UK house prices: Will rising interest rates cause a property market crash?

Interest rates are on the rise with further increases expected over the coming months as the Bank of England seeks to contain inflation – which is on course to pass 10 per cent this year.

That figure – the highest since 1982 – is rightly a cause for concern, but in the housing market, 10 per cent price inflation has been allowed to persist for long periods. The latest official figures released on Wednesday show that property prices in England jumped 9.9 per cent in the year to March, taking the average sold price to £297,524.

Ultra-low interest rates have made mortgage borrowing cheaper, inflating a housing bubble that has made home ownership a distant dream for many renters in some parts of the UK. So, will higher interest rates help to cool down the country’s out-of-control property market?

What is the latest data on UK house prices?

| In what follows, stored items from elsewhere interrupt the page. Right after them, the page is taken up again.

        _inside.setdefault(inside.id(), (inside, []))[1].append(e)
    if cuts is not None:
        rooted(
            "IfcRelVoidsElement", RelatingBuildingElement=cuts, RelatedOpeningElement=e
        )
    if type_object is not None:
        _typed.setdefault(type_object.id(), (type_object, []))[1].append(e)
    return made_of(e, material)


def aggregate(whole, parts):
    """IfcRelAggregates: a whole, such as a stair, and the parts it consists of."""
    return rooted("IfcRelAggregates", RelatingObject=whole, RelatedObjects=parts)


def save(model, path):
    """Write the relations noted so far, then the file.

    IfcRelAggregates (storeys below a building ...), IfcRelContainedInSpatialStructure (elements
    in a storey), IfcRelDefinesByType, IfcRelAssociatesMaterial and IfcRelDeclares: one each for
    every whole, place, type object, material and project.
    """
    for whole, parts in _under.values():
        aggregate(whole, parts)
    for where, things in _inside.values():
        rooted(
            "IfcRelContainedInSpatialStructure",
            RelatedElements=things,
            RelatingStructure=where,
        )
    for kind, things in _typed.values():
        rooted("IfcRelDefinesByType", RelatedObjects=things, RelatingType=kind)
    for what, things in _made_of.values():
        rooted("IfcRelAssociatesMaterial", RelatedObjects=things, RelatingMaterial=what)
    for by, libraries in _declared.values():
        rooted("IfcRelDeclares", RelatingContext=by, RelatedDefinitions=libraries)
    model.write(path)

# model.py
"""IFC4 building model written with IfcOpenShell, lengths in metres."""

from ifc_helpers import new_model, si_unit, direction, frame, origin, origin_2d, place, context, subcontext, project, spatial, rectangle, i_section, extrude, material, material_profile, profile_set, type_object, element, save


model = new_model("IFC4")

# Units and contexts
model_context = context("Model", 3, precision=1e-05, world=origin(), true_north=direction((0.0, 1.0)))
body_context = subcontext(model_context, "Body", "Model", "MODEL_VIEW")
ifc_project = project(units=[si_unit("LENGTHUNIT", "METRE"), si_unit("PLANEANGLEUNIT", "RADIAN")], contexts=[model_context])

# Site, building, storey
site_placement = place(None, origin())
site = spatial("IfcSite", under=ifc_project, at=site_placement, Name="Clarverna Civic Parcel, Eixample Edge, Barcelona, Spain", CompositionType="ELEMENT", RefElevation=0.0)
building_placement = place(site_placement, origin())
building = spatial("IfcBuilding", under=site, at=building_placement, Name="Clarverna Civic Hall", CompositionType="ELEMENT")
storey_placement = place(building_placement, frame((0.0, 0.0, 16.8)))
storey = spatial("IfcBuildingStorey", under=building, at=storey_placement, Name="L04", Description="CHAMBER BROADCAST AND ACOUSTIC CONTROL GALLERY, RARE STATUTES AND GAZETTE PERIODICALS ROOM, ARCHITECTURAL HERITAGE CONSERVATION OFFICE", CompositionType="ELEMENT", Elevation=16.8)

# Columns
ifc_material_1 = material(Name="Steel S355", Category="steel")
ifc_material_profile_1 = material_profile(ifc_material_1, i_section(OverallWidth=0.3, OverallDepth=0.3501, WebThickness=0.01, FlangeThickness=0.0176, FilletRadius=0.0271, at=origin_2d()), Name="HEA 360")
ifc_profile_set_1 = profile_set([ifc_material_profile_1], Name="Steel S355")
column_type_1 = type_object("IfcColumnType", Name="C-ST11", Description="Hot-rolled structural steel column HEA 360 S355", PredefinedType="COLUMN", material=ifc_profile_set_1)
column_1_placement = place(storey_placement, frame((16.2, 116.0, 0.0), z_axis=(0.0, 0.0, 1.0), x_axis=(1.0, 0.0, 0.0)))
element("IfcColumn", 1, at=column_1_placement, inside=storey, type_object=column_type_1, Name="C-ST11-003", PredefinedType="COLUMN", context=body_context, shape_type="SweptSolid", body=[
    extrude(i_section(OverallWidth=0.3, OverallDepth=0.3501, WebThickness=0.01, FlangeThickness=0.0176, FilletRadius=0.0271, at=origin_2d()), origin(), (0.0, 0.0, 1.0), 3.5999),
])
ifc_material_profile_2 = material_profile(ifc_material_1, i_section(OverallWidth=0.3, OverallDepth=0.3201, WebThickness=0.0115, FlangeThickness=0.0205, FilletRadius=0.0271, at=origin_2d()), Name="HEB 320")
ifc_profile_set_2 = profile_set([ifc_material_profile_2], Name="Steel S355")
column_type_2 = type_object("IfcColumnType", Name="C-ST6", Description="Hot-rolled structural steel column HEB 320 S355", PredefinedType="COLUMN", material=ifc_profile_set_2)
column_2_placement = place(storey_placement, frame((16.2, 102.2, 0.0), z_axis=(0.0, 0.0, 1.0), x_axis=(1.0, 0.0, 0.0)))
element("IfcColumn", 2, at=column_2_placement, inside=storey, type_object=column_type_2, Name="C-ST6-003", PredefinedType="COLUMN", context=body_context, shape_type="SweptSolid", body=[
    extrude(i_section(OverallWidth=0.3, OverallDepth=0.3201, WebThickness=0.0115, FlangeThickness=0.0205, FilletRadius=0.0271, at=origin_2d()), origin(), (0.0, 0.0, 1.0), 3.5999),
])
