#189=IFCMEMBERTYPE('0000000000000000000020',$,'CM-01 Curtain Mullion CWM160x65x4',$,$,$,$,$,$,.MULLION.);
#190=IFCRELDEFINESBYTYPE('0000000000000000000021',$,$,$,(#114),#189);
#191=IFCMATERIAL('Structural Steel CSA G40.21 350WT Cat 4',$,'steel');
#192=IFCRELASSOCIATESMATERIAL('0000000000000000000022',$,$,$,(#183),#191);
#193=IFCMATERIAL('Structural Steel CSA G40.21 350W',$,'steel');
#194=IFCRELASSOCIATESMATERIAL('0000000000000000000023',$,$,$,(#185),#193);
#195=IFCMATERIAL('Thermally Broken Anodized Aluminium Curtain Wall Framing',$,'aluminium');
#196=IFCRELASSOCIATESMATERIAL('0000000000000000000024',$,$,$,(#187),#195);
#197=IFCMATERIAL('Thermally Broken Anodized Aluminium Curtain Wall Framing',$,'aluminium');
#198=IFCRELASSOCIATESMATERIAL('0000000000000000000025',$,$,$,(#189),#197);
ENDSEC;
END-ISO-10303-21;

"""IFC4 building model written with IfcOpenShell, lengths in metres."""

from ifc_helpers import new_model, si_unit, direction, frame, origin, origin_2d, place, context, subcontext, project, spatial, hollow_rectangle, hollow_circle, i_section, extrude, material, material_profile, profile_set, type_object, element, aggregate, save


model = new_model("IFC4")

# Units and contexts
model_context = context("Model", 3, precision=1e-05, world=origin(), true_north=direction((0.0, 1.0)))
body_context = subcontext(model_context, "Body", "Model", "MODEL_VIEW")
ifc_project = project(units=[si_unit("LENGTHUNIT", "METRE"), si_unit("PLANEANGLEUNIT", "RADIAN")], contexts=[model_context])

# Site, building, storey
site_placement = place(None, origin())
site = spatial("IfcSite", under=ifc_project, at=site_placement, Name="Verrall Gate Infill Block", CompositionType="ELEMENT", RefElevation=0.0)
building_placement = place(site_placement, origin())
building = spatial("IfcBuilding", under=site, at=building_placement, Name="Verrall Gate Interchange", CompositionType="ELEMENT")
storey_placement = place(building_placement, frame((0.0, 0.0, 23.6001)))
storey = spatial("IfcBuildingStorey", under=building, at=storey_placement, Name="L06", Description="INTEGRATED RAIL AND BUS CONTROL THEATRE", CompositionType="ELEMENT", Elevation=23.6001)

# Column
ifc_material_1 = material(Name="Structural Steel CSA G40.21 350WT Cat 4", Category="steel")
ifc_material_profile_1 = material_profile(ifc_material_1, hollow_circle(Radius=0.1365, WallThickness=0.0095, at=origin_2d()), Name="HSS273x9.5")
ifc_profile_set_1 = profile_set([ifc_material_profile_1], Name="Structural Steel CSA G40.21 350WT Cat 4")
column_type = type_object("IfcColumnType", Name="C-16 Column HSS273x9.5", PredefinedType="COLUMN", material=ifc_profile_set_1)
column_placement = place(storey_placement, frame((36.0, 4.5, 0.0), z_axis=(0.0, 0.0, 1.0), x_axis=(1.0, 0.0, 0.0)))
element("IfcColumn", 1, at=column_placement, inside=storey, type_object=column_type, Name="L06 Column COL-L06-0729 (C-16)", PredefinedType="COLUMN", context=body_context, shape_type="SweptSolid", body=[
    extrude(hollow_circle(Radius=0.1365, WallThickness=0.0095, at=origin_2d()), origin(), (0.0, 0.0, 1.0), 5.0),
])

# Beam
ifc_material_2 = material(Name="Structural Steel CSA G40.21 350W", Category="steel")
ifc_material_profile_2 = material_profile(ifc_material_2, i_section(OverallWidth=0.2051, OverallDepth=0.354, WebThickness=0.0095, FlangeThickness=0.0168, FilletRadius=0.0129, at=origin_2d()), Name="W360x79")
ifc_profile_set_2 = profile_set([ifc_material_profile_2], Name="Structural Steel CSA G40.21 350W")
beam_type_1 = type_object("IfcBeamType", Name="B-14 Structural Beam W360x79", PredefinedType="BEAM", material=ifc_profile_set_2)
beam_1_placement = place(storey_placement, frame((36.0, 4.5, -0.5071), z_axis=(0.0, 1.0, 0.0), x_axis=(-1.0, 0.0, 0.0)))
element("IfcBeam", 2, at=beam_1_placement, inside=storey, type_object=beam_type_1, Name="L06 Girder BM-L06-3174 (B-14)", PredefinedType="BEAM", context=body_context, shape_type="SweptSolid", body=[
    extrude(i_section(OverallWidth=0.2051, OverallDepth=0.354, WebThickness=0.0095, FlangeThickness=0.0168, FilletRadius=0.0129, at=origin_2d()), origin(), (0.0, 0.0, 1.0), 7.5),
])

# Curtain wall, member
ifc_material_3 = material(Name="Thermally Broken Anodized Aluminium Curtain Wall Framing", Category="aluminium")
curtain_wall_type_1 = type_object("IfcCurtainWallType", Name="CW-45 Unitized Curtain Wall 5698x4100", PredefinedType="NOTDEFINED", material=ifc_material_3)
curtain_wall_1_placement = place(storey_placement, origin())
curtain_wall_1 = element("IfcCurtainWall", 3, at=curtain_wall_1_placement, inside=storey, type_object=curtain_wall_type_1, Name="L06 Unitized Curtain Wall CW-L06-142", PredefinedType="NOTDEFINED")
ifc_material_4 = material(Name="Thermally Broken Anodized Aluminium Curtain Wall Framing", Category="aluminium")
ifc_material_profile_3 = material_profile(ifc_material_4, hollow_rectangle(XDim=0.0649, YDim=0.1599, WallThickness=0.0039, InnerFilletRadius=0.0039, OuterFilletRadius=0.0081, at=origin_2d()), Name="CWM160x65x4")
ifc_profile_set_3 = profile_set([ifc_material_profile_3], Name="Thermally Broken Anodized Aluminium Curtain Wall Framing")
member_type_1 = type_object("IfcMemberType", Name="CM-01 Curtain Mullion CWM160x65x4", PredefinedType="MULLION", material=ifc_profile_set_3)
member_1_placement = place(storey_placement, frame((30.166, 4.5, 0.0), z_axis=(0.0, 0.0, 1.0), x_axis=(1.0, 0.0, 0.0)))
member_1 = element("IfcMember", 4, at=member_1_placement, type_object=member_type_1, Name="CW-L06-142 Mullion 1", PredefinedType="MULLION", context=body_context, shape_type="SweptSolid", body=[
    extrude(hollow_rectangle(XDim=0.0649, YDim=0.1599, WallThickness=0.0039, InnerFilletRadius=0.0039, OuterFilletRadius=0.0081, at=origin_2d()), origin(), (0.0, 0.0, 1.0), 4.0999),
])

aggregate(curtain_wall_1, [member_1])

Official figures show that prices rose in every region of the UK in the past year. Between February and March 2022, prices dipped 0.9 per cent in London and 0.8 per cent in the east of England.

Figures released by Halifax on Friday, relating to a period before the Bank of England raised rates, show that there was not much sign of a slowdown in April.

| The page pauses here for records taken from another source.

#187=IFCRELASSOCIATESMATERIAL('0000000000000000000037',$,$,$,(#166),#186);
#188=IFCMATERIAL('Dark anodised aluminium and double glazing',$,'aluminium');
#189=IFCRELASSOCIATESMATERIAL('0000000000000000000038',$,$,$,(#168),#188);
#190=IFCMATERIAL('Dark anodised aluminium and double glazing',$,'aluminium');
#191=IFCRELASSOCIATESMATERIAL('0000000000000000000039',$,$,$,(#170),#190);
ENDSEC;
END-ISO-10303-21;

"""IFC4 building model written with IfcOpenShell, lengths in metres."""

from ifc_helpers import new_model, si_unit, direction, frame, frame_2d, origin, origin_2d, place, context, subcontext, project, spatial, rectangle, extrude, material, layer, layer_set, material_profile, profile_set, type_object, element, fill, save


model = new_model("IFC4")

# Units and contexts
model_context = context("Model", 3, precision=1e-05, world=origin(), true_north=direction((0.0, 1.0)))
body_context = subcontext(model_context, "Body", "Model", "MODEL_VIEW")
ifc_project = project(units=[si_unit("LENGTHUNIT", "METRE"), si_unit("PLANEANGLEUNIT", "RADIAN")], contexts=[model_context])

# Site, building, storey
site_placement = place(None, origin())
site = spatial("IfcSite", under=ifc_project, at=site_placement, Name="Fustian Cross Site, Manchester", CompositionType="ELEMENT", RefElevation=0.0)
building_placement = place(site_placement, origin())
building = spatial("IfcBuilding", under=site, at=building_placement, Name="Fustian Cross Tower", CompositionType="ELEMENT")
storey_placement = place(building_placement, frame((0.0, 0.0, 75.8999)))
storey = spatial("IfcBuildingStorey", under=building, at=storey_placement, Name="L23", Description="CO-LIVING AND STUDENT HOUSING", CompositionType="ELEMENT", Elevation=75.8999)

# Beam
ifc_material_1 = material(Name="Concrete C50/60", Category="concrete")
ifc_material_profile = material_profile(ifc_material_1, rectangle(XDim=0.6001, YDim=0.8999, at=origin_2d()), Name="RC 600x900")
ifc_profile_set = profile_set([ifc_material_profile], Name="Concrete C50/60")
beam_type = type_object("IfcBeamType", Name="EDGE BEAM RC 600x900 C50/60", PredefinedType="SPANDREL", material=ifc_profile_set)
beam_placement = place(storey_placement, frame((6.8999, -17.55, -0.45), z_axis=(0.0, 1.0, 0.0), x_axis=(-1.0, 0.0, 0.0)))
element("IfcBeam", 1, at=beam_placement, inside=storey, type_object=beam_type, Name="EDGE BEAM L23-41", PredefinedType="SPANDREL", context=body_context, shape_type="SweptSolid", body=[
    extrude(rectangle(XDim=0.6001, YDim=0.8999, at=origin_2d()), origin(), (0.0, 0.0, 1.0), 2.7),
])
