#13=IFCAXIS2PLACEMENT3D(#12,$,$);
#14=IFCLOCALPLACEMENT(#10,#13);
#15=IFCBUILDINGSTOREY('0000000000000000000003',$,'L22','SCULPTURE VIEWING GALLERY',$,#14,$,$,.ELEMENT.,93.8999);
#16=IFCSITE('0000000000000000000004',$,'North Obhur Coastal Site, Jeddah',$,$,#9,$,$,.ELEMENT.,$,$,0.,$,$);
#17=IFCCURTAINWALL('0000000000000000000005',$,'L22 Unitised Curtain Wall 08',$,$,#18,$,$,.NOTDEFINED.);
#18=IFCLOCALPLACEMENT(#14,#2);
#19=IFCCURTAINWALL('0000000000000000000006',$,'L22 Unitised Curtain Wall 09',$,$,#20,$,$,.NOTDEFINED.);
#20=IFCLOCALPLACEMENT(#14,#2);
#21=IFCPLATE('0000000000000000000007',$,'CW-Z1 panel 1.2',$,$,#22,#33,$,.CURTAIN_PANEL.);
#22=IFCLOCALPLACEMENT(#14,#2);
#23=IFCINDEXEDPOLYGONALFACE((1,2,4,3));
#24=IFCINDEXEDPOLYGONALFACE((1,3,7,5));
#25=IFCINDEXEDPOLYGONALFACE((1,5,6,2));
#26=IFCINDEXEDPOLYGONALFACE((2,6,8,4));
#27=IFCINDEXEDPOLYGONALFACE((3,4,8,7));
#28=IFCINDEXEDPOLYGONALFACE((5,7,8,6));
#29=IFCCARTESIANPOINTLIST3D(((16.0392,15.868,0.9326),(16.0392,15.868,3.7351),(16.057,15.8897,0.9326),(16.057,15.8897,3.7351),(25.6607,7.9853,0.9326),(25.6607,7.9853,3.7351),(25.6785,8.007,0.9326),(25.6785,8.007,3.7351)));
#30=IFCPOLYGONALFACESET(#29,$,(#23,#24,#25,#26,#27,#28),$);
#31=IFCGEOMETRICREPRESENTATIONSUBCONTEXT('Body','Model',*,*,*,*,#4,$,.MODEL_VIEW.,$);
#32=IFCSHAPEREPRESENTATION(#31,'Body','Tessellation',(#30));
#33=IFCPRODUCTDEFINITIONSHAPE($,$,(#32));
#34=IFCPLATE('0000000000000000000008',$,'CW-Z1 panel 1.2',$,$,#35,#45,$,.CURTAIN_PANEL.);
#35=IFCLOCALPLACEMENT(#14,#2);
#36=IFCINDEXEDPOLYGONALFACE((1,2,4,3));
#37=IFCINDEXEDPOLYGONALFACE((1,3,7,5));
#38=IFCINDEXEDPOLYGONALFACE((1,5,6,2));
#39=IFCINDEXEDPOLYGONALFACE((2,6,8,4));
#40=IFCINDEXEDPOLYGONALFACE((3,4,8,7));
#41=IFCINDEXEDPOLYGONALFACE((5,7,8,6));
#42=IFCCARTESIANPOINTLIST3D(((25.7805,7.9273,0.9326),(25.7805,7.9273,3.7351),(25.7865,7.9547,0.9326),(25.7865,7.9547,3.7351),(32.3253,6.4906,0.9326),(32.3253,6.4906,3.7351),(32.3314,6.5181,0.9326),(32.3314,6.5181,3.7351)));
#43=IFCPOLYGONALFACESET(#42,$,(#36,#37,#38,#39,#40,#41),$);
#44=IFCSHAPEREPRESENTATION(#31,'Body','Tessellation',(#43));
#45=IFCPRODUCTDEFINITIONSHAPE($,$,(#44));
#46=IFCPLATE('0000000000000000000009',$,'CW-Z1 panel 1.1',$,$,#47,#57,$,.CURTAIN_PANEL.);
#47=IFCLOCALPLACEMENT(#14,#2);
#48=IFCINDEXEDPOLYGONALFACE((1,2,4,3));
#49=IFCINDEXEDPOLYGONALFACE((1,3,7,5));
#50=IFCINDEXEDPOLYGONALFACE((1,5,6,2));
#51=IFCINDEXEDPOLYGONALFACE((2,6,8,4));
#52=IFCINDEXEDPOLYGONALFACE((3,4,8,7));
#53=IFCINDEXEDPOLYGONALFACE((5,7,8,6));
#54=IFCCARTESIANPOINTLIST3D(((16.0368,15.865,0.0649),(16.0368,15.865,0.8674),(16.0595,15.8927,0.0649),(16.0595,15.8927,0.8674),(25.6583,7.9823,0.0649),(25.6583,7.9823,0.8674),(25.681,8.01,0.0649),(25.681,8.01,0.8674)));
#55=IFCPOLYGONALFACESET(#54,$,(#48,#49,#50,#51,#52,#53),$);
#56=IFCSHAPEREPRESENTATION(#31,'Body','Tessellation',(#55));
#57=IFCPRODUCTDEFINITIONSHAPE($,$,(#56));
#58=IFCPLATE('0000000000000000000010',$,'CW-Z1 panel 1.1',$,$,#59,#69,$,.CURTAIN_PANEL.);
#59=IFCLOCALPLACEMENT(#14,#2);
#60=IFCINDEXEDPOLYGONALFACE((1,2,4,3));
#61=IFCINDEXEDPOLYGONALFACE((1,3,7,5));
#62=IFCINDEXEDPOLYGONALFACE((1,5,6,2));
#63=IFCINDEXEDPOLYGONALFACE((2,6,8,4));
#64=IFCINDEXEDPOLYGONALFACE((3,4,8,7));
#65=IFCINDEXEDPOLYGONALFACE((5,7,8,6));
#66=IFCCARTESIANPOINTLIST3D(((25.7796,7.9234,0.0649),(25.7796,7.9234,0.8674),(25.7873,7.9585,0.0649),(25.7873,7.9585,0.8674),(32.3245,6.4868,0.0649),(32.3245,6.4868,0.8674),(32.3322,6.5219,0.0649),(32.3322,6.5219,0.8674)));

Despite fears about living costs and big increases to energy bills, house prices rose 1.1 per cent (about £3,000) compared to March.

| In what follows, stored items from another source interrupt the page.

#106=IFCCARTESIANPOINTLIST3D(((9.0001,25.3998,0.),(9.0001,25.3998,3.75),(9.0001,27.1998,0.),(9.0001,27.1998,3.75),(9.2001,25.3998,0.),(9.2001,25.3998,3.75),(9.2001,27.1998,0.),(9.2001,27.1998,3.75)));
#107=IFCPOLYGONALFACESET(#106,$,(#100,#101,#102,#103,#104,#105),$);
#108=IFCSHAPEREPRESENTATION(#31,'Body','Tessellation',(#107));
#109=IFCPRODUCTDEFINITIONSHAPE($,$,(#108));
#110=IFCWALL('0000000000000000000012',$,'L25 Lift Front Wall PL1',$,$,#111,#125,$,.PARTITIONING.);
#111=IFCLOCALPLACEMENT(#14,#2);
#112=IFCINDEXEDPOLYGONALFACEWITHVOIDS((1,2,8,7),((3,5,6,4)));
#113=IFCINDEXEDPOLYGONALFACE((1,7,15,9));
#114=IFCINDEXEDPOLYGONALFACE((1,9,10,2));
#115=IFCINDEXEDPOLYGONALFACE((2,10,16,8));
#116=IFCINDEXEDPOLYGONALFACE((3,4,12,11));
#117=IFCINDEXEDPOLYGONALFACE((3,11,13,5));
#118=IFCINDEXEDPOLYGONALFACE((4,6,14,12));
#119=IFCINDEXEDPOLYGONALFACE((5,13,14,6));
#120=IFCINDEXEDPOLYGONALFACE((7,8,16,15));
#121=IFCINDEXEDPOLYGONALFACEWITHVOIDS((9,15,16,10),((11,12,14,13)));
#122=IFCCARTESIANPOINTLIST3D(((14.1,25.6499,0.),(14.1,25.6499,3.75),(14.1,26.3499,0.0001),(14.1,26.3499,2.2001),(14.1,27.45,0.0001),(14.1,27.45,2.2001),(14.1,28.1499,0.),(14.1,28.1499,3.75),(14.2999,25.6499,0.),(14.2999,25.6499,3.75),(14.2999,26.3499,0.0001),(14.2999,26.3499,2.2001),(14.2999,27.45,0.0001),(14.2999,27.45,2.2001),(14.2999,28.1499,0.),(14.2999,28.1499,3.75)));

The average house price hit £286,079 after the 10th consecutive monthly rise in prices, marking the longest run of increases in six years.

Halifax said a “race for space”, which began during the pandemic, is likely to continue as people move out of apartments in cities to larger houses in more rural areas.

April’s price increase was slightly slower than the 1.4 per cent recorded in March, but the annual increase was still 10.8 per cent which is far in excess of average pay rises.

Some analysts had expected price rises to calm down after the end of a stamp duty holiday last year. That has not happened.

There are further signs that prices may not be coming down in the near future. The number of sales jumped 28 per cent in April compared with January.

Estate agent Chestertons said it has seen a 31 per cent jump in the number of people registering for viewings at its London branches.

Chief executive Guy Gittins said there is now a “strong sellers’ market” and the number of vendors willing to reduce their asking prices has fallen 38 per cent in the past year.

“The sheer volume of agreed sales in April has created a challenging workload for solicitors and banks which has impacted on the time it takes to finalise a sale,” he said.

Rising interest rates will impact some buyers’ ability to purchase a home but the effect may be limited.

What’s driving UK house price increases?

Prices have been inflated by the supply of cheap credit. While rates are increasing they still remain very low by historic standards. Buyers with a large deposit can still get a two-year fixed deal at an initial rate of around 2 per cent.

Supply of homes also remains a problem. There aren’t enough properties that people want in the areas that they want them.

There is now a clear dividing line in the market between houses, which are in high demand, and flats, which are proving tougher to sell in many areas.

The UK’s planning system has been blamed for slowing down the process of building new properties and restricting supply.

The government recently ditched proposals to radically overhaul the system and replace it with a zoning model that would make it much quicker to approve developments in designated areas. Instead, a less ambitious plan was referred to in the Queen’s Speech.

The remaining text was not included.